Immediate: The most basic retry implementation is to retry immediately after a failure. However, is unlikely that the issue has been solved, in such a short amount of time.

Furthermore, it’s important to give a bit of break to the called service to recover if it was down.

Otherwise, we can waste computing resources, and also overload the system.

So, we can retry at fixed intervals of time or better yet at incremental intervals of time.

Now the system has a bit of break to recover.

Still, a more advance retry strategy is to use: Exponential backoff retry. Here, we double the waiting time between retries after each failed retry. 2^n.

Timeout Pattern ⏱

First, we should set the timeouts at a level that balances allowing for slower responses with avoiding waiting indefinitely for a response.

However, there are other challenges when dealing with timeouts in payment systems.

When a request times out, it is treated as failed, but this can lead to issues with double charging or incorrect status.

To avoid these issues we can use idempotency together with retry strategies.

Fallbacks

The Fallback pattern allows a service to continue execution even if requests to another service fail, by filling in a fallback value.

This compromise between risk and customer satisfaction can be used to avoid losing customers, but if a fallback value is not acceptable, other solutions must be considered.

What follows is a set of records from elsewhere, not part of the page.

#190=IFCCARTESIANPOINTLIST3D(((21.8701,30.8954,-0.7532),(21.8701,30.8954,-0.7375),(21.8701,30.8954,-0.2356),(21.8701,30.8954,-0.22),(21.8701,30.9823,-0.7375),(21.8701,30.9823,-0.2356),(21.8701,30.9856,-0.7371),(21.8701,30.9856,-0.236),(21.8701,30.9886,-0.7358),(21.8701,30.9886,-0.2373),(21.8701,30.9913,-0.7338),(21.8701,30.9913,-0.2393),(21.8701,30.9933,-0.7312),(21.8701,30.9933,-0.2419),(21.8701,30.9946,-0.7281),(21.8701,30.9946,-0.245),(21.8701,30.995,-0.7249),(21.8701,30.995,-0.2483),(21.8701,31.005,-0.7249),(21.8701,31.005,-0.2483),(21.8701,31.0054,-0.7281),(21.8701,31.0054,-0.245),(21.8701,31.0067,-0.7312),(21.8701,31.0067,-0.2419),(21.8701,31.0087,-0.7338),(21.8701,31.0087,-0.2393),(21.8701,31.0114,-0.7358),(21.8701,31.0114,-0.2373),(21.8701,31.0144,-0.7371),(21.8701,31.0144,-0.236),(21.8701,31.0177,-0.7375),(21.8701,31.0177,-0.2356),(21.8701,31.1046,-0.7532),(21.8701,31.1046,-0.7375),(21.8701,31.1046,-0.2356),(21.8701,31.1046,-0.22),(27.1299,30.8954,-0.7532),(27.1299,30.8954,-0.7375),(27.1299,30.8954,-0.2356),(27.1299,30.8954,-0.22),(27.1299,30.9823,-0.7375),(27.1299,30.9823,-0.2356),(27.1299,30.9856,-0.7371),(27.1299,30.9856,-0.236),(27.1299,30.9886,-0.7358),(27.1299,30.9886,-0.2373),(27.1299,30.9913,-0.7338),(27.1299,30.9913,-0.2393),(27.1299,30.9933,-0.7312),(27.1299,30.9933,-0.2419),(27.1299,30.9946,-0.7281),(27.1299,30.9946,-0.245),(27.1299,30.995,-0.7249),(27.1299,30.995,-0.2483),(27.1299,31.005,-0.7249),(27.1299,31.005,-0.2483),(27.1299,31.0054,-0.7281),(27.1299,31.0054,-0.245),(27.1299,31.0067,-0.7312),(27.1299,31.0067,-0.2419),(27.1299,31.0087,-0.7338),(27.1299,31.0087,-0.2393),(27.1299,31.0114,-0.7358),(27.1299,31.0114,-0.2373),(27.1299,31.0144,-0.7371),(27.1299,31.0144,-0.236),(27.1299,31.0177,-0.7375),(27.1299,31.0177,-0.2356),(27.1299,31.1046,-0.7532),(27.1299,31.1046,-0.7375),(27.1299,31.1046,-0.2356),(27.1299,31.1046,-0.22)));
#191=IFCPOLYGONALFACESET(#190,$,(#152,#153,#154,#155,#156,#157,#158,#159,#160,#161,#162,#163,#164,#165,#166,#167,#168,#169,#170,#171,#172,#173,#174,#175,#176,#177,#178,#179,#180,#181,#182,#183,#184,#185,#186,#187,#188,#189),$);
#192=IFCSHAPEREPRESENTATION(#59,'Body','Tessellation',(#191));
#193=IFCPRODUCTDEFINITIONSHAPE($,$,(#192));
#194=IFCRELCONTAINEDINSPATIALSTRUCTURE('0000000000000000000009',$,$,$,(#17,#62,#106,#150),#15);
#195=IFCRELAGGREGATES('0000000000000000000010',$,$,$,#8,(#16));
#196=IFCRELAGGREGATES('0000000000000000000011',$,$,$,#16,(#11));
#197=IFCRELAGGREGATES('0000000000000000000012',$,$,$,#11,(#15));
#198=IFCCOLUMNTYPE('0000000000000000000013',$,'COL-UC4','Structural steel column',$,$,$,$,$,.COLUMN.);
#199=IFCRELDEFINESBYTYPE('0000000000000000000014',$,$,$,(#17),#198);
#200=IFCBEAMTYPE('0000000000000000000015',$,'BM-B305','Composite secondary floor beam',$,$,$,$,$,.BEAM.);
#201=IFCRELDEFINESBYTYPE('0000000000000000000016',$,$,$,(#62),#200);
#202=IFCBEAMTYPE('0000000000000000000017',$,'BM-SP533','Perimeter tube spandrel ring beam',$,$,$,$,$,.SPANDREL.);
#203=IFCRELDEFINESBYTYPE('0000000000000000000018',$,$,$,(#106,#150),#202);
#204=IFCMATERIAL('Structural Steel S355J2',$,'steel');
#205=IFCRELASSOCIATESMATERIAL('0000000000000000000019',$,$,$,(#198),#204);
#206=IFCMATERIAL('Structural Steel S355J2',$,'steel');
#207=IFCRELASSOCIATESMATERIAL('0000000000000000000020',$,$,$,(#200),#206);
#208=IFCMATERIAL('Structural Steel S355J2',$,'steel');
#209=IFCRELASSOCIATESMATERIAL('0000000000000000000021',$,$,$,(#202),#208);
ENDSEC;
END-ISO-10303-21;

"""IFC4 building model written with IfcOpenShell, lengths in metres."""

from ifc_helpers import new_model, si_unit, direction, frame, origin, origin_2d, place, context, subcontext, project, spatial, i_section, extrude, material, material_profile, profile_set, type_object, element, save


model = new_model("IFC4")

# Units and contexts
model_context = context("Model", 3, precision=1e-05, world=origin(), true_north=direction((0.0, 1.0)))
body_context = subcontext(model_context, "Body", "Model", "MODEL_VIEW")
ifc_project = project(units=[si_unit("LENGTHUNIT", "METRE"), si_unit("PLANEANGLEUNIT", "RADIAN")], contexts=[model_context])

Dealing with Persistent Failures

If the error is due to incompatible information, it should be saved for later debugging. This can be done by isolating problematic messages in a dead letter queue.

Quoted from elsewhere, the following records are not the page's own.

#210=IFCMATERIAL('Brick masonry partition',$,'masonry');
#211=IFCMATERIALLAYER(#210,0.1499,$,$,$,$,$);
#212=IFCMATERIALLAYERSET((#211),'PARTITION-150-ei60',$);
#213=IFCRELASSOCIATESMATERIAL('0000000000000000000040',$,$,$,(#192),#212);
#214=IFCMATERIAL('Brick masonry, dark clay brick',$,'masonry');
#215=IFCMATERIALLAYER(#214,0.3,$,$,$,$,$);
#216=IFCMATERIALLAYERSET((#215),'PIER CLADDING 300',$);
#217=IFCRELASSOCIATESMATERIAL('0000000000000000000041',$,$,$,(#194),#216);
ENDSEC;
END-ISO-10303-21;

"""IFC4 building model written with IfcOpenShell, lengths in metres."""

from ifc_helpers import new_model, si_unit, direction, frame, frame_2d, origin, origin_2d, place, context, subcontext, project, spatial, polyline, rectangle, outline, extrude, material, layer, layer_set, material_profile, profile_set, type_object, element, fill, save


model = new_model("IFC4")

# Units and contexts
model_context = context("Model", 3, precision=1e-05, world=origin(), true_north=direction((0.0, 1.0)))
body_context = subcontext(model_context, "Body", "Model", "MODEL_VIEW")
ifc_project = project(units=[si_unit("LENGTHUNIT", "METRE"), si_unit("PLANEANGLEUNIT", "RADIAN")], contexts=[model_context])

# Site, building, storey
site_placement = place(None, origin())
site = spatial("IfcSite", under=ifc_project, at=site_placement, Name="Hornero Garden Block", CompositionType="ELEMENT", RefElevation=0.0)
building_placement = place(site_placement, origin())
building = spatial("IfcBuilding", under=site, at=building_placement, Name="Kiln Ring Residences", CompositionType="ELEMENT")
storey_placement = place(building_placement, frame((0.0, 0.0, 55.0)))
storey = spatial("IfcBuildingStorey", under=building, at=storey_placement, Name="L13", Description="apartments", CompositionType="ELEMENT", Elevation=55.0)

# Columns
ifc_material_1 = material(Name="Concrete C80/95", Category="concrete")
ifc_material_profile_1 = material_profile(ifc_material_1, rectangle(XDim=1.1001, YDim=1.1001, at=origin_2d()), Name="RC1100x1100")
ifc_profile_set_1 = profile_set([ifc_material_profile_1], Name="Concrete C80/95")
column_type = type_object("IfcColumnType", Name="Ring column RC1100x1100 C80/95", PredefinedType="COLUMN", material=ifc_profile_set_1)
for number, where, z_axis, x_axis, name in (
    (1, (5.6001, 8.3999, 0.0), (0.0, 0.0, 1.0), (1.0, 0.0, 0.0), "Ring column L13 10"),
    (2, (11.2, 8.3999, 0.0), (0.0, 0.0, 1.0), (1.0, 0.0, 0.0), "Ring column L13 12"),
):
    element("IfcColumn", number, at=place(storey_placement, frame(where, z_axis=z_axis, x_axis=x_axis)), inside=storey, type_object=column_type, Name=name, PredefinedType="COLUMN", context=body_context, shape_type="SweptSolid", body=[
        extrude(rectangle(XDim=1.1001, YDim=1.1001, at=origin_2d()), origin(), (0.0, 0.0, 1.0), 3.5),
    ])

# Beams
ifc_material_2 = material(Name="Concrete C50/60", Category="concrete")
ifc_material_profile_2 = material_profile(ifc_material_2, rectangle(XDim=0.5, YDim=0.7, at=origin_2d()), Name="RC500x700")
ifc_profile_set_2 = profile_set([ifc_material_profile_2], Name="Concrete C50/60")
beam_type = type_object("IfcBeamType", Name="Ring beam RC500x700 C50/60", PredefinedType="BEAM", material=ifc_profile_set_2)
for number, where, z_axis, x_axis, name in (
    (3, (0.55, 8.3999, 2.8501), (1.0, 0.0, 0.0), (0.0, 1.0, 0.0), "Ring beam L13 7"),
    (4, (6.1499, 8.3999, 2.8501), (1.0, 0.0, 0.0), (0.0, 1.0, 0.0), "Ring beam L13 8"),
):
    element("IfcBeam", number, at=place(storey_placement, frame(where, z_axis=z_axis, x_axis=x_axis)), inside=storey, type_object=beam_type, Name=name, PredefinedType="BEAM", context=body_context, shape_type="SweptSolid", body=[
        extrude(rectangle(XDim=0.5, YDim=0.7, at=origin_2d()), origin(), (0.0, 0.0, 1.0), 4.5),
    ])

If the error is due to a service being down, the transactions can be stored in a persistent queue until the service recovers and can process them.

Idempotency

An idempotent operation has no additional effect if it is called more than once with the same input parameters.

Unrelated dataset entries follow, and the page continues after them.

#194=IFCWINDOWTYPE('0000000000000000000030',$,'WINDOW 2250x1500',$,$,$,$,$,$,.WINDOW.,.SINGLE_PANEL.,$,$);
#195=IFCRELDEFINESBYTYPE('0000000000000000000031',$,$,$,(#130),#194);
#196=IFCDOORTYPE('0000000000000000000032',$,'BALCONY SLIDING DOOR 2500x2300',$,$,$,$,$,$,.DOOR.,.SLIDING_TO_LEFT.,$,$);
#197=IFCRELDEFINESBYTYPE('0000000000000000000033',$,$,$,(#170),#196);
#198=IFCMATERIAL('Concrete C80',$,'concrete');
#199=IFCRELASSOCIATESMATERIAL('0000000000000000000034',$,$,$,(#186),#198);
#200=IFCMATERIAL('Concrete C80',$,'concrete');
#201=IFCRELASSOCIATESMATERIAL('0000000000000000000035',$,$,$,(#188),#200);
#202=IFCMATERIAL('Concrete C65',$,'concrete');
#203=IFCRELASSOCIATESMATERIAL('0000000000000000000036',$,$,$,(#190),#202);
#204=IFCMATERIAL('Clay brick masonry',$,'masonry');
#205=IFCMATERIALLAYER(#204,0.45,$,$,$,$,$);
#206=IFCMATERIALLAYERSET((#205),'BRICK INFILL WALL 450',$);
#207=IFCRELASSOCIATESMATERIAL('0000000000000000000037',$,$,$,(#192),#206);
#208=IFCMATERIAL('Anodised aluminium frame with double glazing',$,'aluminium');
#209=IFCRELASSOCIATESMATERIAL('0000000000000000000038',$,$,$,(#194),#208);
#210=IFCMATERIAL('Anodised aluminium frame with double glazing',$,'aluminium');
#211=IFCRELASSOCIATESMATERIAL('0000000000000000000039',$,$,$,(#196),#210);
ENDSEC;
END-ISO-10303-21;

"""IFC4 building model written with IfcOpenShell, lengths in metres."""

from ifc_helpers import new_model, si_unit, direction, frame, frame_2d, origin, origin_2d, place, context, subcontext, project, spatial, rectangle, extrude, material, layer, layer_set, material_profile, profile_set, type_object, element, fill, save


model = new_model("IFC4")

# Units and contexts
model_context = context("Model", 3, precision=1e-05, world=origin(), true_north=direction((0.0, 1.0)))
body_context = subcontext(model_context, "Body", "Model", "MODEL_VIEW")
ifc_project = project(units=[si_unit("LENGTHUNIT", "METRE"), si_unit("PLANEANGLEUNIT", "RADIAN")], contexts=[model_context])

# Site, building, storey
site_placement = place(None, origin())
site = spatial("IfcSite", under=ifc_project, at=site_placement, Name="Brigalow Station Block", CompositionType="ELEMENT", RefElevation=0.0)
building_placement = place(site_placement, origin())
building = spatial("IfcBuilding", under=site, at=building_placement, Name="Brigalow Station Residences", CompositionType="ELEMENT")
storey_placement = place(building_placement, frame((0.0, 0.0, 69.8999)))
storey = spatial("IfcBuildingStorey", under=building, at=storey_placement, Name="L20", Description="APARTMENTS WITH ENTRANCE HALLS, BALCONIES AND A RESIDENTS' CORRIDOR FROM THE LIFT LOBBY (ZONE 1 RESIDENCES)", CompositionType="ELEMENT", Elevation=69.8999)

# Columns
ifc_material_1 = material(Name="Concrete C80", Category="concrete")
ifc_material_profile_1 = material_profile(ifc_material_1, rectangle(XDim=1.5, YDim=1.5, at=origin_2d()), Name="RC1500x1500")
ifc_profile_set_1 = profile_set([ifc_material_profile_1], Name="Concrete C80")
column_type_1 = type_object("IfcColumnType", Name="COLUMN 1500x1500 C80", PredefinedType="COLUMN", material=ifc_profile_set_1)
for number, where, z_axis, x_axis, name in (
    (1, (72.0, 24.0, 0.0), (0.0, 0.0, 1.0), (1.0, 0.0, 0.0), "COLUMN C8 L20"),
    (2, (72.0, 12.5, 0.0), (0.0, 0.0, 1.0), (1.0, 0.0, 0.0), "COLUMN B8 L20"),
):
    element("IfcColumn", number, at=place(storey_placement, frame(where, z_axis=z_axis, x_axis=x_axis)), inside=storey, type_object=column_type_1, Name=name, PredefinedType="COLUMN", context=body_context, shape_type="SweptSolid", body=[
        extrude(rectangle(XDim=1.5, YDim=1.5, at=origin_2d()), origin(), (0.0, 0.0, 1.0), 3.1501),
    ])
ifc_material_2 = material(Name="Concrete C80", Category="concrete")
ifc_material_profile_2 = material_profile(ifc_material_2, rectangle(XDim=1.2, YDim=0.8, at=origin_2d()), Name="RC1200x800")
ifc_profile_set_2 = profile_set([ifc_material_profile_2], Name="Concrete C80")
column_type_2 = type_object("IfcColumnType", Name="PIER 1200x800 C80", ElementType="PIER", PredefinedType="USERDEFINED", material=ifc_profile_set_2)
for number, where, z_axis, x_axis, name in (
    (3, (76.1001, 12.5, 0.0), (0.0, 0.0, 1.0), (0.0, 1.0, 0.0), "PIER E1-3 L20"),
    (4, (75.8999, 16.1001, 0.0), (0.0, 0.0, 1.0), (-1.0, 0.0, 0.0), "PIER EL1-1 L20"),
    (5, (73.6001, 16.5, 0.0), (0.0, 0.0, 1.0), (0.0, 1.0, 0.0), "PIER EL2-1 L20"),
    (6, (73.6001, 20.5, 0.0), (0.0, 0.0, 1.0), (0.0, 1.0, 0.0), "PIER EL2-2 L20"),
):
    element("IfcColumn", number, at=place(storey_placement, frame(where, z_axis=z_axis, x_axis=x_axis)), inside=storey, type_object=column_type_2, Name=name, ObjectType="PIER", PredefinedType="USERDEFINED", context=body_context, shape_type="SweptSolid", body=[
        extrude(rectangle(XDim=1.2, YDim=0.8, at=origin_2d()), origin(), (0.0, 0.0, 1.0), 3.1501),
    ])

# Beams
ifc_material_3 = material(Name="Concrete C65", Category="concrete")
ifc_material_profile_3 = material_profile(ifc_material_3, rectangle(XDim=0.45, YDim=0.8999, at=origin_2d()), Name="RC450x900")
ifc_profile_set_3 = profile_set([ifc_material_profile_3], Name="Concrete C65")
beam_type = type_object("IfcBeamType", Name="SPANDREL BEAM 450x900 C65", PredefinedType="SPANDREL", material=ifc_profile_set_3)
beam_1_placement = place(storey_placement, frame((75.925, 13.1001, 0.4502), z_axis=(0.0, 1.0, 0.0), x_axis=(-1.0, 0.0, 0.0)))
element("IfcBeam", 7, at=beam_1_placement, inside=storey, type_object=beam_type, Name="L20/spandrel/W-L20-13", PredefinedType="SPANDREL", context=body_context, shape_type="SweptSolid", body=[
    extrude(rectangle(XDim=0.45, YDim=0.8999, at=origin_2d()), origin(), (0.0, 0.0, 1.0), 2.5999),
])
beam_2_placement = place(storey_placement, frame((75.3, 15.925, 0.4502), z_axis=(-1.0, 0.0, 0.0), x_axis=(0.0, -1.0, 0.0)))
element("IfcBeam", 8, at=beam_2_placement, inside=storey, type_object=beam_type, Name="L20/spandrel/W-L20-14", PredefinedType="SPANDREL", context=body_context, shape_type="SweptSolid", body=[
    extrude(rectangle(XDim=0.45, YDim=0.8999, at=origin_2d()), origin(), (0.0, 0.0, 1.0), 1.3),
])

To avoid double payments, an idempotency key is generated at the client and added to the HTTP header.

UUIDs are commonly used as idempotency keys, and the same key is used as the ID of the payment order.

To support idempotency, the unique key constraint of any database can be used. This ensures the "Exactly Once" guarantee and prevents multiple concurrent requests with the same idempotency key.

Security

Enforce Encryption for Data-at-Rest and Data-in-Transit

One of the most effective ways to protect data is encryption.

Encrypt data at rest, i.e. convert it into a secure format that needs a key to be read. This can be done with software tools for disk or database encryption.
Encrypt data in transit over a network, such as the internet. Use a VPN for secure and encrypted connections between a device and a network, and TLS for confidentiality, data integrity, and authentication between two parties.
Use access controls to restrict data access only to authorized users. Use methods such as two-factor authentication to verify user identities.
Regularly update software, libraries, and the operating system to avoid known software vulnerabilities.
Back up data regularly to ensure it can be recovered in case of loss or damage.
Use long, complex passwords that are difficult to guess or crack. Avoid common passwords like "password" that can be easily guessed by attackers using a precomputed table of reversed password hashes called a rainbow table.

Data Integrity Monitoring

It's important to monitor data integrity by regularly checking for changes in vulnerable data and generating security alerts.

This technique can help detect malware and other security threats.

However, it can be resource-intensive, so it's important to focus on monitoring the most vulnerable and confidential data, such as user credentials and encryption key stores.

Conclusions

For a payment system, reliability and fault tolerance are key requirements.

To tackle these requirements, we discussed how to make use of the following tools but not only:

Redundancy - to enables resilience during internal system failures
Patterns for payment guarantee - by using Kafka capabilities to persist messages, so that they are not lost even if the messaging system crashes
Strategies for retry, timeouts and fallbacks - to make the systems robust and predictable
Message Queues - to avoid overloading the services
Idempotent message handling - to allow clients to retry requests as needed. Not doing so, could leave data in an inconsistent state, or worse, in double payments.